3. So far as Civil Appeal No. 1321 of 1979 is concerned, after hearing counsel for the parties, we are satisfied that the judgment of the High Court cannot be sustained. In support of the appeal, only two points were raised before us. In the first place Mr. P. P. Rao submitted that according to the facts found by the High Court, the appellant could not in law be held to be holding an office under the Government, much less an office of profit. Secondly, it was argued that so far as the corrupt practice is concerned, the pleadings of the election petitioner in his petition are absolutely vague and contain neither any details nor any particulars as required under the law. It was vehemently contended that even on the allegations made by appellant, the Tahsildar concerned was transferred some time in September 1977, long before the elections were notified and the appellant had filed his nomination papers. So far as this part of the matter is concerned, Mr. K. K. Venugopal, counsel appearing for the respondent in Civil Appeal No. 1321 of 1979 and for the appellant in Civil Appeal No. 2043 of 1979 could not support the judgment on this aspect of the matter because the allegations made in the pleadings are absolutely vague and are not accompanied with the necessary particulars required by law. There is absolutely no allegations in the pleadings are absolutely vague and are not accompanied with the necessary particulars required by law. There is absolutely no allegations in the pleadings to show that at any time after having filed his nomination papers, the appellant made any efforts to seek the assistance of Tahsildar Narasimha Rao in furthering his election prospects or in any way helping him to win the election. In this view of the matter, we are satisfied that the election petitioner failed to prove the allegations of corrupt practice alleged against the appellant. The finding of the High court on this point cannot be sustained.
4. As regards the other question namely as to whether or not the appellant was holding an office of profit under the Government, Mr. Venugopal appearing for the respondent, in view of the long course of decisions of this Court, [contended] that the evidence clearly shows-that the appellant was holding an office under the Government having been appointed by the Government. In this connection, reliance was placed by Mr. Venugopal on the order of the Government at page 40 of Paper-book No. II, the relevant part of which may be extracted thus :
Consequent on the expiry of the terms of office of the Board of Directors of the Travel and Tourism Corporation [Andhra Pradesh] Private Limited on March 29, 1977, the Government reconstituted the Board with the following members for a period of two years from the date of this order : 1. Sri. Kona Prabhakar Rao M. L. A. Part-time Chairman.

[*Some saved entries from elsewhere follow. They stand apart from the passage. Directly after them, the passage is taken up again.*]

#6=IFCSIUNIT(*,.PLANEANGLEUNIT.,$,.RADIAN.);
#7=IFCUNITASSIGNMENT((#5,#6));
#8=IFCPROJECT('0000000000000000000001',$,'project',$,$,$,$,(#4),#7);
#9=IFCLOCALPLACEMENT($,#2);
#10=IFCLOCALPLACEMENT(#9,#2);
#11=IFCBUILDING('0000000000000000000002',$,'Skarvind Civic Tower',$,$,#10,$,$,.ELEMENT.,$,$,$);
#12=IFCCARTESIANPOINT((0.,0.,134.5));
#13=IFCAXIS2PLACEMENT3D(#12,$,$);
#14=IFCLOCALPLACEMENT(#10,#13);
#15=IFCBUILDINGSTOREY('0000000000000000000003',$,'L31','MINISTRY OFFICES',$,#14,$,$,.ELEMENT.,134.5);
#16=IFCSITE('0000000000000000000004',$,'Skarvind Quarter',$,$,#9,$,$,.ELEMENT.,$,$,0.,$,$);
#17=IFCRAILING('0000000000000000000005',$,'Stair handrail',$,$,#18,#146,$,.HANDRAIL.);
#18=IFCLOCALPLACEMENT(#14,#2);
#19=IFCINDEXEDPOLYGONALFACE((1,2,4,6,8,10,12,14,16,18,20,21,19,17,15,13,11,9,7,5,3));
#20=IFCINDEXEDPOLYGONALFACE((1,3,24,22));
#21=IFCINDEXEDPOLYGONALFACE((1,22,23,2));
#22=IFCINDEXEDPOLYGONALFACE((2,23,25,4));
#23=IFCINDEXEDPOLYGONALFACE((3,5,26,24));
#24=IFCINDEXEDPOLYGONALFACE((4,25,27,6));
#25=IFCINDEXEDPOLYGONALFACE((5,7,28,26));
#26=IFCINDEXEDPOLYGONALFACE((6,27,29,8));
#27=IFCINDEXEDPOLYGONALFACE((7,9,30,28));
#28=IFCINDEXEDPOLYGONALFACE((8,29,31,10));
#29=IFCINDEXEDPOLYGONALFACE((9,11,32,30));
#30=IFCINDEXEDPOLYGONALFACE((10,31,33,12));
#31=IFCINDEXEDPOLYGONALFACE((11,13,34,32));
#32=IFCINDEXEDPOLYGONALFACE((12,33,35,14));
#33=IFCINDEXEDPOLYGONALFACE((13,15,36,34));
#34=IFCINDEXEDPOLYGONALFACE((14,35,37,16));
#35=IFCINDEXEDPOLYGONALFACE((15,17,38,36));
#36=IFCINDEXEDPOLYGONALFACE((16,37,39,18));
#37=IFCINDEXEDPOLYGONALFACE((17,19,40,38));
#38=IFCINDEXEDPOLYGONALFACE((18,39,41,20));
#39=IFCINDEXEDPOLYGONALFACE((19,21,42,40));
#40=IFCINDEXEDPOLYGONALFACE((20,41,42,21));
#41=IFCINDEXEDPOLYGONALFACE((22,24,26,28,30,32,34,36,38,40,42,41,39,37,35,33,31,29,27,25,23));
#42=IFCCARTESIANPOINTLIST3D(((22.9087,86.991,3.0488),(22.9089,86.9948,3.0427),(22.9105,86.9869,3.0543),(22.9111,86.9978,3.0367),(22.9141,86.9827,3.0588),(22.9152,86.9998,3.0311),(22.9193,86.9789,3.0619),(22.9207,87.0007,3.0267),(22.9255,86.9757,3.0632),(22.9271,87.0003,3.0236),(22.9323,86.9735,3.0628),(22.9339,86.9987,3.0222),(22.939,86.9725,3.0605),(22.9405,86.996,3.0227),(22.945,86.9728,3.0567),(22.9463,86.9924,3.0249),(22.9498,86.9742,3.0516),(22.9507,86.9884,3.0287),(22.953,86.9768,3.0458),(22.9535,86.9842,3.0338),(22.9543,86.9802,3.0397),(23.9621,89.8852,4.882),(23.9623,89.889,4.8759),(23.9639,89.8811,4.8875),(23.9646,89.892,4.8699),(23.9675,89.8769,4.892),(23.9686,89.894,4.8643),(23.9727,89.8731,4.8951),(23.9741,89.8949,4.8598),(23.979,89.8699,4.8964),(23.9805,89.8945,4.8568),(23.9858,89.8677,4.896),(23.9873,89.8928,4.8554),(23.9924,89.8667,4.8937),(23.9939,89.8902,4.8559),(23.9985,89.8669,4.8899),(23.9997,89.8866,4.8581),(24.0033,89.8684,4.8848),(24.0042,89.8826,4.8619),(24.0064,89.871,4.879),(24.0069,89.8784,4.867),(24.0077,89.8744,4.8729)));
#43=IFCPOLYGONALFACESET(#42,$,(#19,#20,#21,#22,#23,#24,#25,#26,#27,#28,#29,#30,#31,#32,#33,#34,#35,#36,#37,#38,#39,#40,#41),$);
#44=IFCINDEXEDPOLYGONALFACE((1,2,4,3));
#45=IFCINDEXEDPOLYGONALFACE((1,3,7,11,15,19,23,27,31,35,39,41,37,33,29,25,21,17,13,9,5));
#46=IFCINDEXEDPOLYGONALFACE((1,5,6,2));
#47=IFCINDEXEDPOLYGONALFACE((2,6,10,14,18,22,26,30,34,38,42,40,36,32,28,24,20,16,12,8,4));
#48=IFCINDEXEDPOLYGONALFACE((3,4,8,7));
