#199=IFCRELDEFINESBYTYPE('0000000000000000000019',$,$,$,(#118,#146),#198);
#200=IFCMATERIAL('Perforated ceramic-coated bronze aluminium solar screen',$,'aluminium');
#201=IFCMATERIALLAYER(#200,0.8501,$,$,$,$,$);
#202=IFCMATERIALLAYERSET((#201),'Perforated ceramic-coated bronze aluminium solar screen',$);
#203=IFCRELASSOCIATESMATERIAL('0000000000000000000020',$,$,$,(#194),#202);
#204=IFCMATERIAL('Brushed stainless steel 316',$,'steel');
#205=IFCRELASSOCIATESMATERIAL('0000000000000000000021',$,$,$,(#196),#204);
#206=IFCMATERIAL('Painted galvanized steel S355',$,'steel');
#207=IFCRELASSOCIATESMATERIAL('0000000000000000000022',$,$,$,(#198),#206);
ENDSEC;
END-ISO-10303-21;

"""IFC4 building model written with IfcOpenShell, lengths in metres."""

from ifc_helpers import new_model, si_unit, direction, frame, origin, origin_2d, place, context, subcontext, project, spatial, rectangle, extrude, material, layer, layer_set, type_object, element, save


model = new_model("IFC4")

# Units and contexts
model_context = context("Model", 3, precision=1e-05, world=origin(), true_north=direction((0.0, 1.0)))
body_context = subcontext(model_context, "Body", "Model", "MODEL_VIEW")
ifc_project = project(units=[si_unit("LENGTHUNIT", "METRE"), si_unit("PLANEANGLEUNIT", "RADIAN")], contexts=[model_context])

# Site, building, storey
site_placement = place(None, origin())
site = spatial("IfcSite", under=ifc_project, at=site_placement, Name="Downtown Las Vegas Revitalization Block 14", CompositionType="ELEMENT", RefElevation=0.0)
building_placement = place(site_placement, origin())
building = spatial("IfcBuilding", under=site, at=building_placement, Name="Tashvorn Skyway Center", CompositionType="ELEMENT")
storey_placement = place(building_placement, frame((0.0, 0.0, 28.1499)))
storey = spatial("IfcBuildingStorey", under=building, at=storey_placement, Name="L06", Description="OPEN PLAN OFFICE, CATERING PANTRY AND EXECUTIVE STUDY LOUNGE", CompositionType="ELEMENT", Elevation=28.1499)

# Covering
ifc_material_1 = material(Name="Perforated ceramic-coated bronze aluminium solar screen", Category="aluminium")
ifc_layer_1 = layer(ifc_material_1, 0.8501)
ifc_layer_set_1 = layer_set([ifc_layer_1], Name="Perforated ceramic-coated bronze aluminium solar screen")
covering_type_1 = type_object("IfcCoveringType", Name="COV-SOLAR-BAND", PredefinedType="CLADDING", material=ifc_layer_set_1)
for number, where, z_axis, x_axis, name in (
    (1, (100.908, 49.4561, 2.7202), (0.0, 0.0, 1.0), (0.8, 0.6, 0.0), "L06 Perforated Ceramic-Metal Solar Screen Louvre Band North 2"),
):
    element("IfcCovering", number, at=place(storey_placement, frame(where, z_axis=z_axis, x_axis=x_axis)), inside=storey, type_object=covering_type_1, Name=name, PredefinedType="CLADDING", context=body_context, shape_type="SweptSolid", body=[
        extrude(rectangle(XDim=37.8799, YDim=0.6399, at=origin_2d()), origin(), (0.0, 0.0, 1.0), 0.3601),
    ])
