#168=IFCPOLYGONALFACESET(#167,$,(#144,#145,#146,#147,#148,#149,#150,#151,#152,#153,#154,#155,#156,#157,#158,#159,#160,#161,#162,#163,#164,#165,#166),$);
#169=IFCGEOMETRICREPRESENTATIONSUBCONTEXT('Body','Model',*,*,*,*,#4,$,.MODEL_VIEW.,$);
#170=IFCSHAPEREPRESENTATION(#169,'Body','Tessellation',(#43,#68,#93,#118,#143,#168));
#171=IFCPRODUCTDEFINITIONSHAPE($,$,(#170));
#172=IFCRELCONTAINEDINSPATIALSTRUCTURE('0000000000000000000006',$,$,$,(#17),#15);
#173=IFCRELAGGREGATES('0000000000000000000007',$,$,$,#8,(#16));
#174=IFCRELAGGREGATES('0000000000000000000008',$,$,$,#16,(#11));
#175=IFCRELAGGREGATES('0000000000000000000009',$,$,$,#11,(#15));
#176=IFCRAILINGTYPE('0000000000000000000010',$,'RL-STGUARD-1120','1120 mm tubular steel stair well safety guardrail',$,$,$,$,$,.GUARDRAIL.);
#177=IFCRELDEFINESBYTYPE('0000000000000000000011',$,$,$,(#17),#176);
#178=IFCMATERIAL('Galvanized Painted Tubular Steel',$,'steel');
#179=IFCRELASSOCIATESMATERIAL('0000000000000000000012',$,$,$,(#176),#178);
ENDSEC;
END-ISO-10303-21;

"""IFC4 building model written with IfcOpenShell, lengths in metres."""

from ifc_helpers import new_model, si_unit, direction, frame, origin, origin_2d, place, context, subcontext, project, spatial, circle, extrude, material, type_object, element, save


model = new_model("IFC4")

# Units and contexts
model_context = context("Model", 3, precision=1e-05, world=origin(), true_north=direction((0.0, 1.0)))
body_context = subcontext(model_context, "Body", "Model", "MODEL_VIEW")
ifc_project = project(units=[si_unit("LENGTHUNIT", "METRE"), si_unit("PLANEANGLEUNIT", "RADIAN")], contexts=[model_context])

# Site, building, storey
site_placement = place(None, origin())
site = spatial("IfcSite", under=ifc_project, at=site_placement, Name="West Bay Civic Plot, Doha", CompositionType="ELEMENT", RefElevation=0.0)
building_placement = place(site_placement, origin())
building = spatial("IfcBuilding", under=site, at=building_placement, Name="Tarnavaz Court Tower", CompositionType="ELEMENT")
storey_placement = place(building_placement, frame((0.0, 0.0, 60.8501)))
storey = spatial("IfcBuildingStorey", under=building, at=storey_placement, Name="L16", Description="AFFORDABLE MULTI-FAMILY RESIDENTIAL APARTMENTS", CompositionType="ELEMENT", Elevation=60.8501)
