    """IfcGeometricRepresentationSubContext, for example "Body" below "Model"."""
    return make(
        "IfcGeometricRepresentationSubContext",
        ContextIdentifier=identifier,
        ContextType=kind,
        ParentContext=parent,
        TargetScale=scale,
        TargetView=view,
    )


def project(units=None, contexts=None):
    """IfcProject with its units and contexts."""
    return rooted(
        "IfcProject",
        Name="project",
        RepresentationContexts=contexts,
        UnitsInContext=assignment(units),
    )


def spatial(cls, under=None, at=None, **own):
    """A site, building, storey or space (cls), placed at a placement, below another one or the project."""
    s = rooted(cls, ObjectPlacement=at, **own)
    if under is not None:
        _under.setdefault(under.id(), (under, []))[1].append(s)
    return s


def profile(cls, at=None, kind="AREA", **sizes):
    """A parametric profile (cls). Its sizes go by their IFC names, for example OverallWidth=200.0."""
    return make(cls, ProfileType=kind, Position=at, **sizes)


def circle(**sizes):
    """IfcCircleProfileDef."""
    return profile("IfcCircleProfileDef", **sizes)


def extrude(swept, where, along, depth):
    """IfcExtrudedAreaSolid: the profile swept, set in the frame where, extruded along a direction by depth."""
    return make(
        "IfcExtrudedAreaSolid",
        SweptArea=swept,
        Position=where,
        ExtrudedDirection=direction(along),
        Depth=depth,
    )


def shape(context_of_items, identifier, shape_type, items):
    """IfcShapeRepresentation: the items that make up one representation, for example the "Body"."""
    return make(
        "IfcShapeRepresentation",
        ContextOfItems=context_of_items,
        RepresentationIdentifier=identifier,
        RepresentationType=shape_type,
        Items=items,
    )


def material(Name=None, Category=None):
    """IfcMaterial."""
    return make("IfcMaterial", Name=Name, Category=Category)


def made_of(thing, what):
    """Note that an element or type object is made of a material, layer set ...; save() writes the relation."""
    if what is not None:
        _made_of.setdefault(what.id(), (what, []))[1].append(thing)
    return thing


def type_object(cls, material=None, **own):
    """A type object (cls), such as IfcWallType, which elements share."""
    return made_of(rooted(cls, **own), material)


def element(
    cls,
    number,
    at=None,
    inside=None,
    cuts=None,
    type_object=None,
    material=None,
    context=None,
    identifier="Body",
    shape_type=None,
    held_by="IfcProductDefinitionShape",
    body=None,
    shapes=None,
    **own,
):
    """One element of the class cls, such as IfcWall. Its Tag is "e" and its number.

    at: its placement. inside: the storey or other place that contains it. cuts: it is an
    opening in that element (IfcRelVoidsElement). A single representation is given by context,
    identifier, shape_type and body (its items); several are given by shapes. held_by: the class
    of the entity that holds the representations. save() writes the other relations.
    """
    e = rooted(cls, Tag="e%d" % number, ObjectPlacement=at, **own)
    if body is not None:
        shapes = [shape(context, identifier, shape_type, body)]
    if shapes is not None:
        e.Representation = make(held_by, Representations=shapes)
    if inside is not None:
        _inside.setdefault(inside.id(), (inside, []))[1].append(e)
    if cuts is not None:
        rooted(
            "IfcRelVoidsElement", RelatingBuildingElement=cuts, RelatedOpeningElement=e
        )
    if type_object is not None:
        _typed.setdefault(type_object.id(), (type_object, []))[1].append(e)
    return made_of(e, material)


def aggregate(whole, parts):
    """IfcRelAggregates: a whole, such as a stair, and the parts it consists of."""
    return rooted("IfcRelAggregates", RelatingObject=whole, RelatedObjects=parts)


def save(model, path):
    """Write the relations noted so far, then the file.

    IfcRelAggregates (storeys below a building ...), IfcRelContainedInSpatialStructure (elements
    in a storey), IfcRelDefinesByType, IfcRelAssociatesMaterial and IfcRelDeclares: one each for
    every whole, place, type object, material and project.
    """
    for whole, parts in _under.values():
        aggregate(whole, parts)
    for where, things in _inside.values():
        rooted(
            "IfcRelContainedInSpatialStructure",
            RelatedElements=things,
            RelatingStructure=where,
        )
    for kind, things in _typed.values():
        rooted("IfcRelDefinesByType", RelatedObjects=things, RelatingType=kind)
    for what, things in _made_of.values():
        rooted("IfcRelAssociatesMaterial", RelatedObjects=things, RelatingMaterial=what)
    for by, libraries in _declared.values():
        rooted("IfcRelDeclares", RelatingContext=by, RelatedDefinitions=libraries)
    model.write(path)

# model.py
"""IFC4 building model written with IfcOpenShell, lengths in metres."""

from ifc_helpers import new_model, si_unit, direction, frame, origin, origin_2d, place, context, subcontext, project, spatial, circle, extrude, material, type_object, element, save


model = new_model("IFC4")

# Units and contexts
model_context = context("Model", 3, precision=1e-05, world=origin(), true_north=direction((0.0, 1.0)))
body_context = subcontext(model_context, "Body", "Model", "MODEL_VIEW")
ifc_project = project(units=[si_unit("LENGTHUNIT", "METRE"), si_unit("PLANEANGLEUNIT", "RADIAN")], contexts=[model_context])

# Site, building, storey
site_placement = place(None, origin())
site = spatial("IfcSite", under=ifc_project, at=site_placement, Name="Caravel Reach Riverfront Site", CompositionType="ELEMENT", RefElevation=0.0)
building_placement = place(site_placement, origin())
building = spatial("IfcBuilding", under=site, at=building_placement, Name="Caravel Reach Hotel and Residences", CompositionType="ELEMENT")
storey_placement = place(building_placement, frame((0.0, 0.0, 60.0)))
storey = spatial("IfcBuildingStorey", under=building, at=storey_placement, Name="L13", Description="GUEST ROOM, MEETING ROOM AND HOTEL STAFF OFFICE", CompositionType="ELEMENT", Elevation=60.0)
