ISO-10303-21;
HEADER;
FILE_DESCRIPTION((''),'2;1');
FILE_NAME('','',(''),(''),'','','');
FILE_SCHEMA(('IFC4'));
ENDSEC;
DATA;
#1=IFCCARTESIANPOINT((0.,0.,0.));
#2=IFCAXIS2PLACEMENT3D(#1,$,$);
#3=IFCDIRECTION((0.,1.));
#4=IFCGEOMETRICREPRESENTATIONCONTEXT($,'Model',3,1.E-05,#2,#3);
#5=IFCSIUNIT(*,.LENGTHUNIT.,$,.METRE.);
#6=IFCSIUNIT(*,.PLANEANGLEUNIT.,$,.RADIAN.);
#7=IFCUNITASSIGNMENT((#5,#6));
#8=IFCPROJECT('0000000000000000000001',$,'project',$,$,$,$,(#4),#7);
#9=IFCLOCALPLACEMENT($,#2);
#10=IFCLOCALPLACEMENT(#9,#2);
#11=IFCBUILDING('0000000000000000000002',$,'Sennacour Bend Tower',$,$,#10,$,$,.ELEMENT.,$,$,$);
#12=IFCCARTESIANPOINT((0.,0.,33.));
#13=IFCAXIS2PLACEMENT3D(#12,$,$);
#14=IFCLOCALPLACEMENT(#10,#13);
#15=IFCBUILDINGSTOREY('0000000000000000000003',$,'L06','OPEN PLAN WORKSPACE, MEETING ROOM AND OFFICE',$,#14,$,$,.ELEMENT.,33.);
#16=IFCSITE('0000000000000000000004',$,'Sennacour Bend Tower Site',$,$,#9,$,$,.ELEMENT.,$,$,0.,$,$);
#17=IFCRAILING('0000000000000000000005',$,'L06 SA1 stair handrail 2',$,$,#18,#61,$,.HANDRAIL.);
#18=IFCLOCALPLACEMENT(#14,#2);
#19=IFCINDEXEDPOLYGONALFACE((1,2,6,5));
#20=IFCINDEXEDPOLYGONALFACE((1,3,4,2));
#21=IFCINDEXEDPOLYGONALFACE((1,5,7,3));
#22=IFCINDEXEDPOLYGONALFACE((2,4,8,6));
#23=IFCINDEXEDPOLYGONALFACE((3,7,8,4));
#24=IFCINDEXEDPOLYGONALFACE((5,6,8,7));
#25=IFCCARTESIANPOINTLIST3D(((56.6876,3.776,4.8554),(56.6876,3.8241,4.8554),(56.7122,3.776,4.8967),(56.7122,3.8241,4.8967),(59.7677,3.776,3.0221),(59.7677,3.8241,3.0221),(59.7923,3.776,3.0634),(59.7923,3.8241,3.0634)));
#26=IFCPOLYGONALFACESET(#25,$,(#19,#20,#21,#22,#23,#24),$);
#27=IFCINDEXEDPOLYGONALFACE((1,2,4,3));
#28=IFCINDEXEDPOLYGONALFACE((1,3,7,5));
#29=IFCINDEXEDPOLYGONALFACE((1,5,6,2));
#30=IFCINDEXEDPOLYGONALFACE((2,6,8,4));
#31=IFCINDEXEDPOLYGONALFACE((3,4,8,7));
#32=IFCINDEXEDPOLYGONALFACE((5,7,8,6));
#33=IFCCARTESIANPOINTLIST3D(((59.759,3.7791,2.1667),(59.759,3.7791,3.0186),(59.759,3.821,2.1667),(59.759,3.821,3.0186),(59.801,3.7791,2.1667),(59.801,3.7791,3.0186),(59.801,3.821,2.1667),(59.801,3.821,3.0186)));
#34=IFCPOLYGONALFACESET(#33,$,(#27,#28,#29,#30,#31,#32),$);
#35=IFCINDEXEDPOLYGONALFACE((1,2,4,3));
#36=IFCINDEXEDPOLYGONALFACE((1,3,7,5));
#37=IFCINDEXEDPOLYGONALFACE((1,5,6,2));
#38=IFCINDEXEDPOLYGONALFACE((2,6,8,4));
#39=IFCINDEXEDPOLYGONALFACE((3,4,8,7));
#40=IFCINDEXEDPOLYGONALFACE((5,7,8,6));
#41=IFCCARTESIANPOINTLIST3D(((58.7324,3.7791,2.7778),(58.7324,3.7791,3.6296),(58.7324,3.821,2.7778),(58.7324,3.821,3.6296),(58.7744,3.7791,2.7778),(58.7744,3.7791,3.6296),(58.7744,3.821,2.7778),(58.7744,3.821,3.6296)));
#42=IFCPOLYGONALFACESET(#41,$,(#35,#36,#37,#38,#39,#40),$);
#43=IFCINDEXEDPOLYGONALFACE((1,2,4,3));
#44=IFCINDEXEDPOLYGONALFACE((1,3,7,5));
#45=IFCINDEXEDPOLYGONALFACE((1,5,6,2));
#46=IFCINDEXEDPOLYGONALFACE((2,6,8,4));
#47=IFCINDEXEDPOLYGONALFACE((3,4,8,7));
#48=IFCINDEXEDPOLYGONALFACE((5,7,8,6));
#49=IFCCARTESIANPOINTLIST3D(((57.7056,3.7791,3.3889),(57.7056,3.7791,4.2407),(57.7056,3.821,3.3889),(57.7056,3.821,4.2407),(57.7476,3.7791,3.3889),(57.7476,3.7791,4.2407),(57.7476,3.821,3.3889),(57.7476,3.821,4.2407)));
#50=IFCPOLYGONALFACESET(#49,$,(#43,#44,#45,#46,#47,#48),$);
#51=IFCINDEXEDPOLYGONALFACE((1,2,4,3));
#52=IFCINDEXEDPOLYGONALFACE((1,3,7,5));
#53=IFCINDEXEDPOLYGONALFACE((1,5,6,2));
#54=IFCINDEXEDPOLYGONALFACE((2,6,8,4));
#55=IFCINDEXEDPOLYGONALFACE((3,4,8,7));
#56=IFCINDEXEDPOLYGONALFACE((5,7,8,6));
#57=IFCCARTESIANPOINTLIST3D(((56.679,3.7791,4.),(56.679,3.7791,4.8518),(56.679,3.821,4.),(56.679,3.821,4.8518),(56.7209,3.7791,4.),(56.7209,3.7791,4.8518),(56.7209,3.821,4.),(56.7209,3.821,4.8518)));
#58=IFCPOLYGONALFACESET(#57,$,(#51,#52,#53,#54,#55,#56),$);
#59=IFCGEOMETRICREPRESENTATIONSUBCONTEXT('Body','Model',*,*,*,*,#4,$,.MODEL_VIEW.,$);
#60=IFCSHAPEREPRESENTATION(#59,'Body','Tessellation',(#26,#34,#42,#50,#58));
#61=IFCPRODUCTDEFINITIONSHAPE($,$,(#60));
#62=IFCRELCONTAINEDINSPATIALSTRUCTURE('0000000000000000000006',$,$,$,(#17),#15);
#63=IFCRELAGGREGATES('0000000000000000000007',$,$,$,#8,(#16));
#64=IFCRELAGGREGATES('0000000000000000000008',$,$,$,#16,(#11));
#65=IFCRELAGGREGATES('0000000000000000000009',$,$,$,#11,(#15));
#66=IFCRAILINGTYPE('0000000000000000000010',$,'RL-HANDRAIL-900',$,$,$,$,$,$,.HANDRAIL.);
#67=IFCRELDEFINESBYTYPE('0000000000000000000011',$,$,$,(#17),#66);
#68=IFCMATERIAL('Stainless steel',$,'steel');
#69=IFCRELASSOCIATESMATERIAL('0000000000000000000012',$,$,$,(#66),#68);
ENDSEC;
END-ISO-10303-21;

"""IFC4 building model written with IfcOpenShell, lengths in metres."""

from ifc_helpers import new_model, si_unit, direction, frame, origin, origin_2d, place, context, subcontext, project, spatial, rectangle, extrude, material, type_object, element, save


model = new_model("IFC4")

# Units and contexts
model_context = context("Model", 3, precision=1e-05, world=origin(), true_north=direction((0.0, 1.0)))
body_context = subcontext(model_context, "Body", "Model", "MODEL_VIEW")
ifc_project = project(units=[si_unit("LENGTHUNIT", "METRE"), si_unit("PLANEANGLEUNIT", "RADIAN")], contexts=[model_context])

# Site, building, storey
site_placement = place(None, origin())
site = spatial("IfcSite", under=ifc_project, at=site_placement, Name="Sennacour Bend Tower Site", CompositionType="ELEMENT", RefElevation=0.0)
building_placement = place(site_placement, origin())
building = spatial("IfcBuilding", under=site, at=building_placement, Name="Sennacour Bend Tower", CompositionType="ELEMENT")
storey_placement = place(building_placement, frame((0.0, 0.0, 33.0)))
storey = spatial("IfcBuildingStorey", under=building, at=storey_placement, Name="L06", Description="OPEN PLAN WORKSPACE, MEETING ROOM AND OFFICE", CompositionType="ELEMENT", Elevation=33.0)

# Shared definitions
ifc_material_1 = material(Name="Stainless steel", Category="steel")

# Railing
railing_type_1 = type_object("IfcRailingType", Name="RL-HANDRAIL-900", PredefinedType="HANDRAIL", material=ifc_material_1)
railing_1_placement = place(storey_placement, frame((59.78, 3.8, 2.1667)))
element("IfcRailing", 1, at=railing_1_placement, inside=storey, type_object=railing_type_1, Name="L06 SA1 stair handrail 2", PredefinedType="HANDRAIL", context=body_context, shape_type="SweptSolid", body=[
    extrude(rectangle(XDim=0.0481, YDim=0.0481, at=origin_2d()), frame((0.0, 0.0, 0.876), z_axis=(-0.859309, 0.0, 0.511458), x_axis=(0.0, -1.0, 0.0)), (0.0, 0.0, 1.0), 3.5845),
    extrude(rectangle(XDim=0.042, YDim=0.042, at=origin_2d()), origin(), (0.0, 0.0, 1.0), 0.8518),
    extrude(rectangle(XDim=0.042, YDim=0.042, at=origin_2d()), frame((-1.0266, 0.0, 0.6111)), (0.0, 0.0, 1.0), 0.8518),
    extrude(rectangle(XDim=0.042, YDim=0.042, at=origin_2d()), frame((-2.0535, 0.0, 1.2222)), (0.0, 0.0, 1.0), 0.8518),
    extrude(rectangle(XDim=0.042, YDim=0.042, at=origin_2d()), frame((-3.0801, 0.0, 1.8333)), (0.0, 0.0, 1.0), 0.8518),
])

save(model, "model.ifc")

5. It was submitted that in view of this order of the Government, it must be held that the appellant was appointed by the Government and therefore he held an office under the Government when he filed his nomination papers.
6. On the other hand Mr. Rao, learned counsel for the appellant pointed out that to being with the appellant was merely a part-time Chairman of the Travel and Tourism Corporation [Andhra Pradesh] Private Limited. The counsel has drawn our attention to the Article of Association and particularly to Article 60 [a] which runs thus :
60. [a] The Andhra Pradesh State Road Transport Corporation may from time to time appoint a part-time Chairman, vice-Chairman of the board of Directors on such terms and conditions and on such remuneration as may deem fit.
7. A perusal of this paragraph of the Article shows that the appointment of a part-time Chairman rests not with the Government but with the Corporation. Acting in pursuance of this provision, the Corporation by can order dated October 11, 1977, long before the order passed by the Government had appointed the appellant as part-time Chairman. This order runs thus :Corporation resolved that the following be and hereby appointed at part-time Chairman and Directors to serve on the Board of Travel and Tourism Corporation [A. P.] Private Limited in pursuance of Articles 60 [a] and 60 [b] of Memorandum and Articles of Association of the Company, as the nominees of the A. P. S. R. T. C. from the date of this Resolution for a period of two years.
8. Of course, under article 62, the remuneration or compensatory allowances of the Directors could be determined both by the Corporation and the state Government. But this Article does not confer any power on the Government either to appoint or to remove the part-time Chairman. In this case however we find that the remuneration of the appellant or compensatory allowance whatever it may be called seems to have been fixed by the corporation itself in the exercise of its powers under article 60 [a] of Articles of Association.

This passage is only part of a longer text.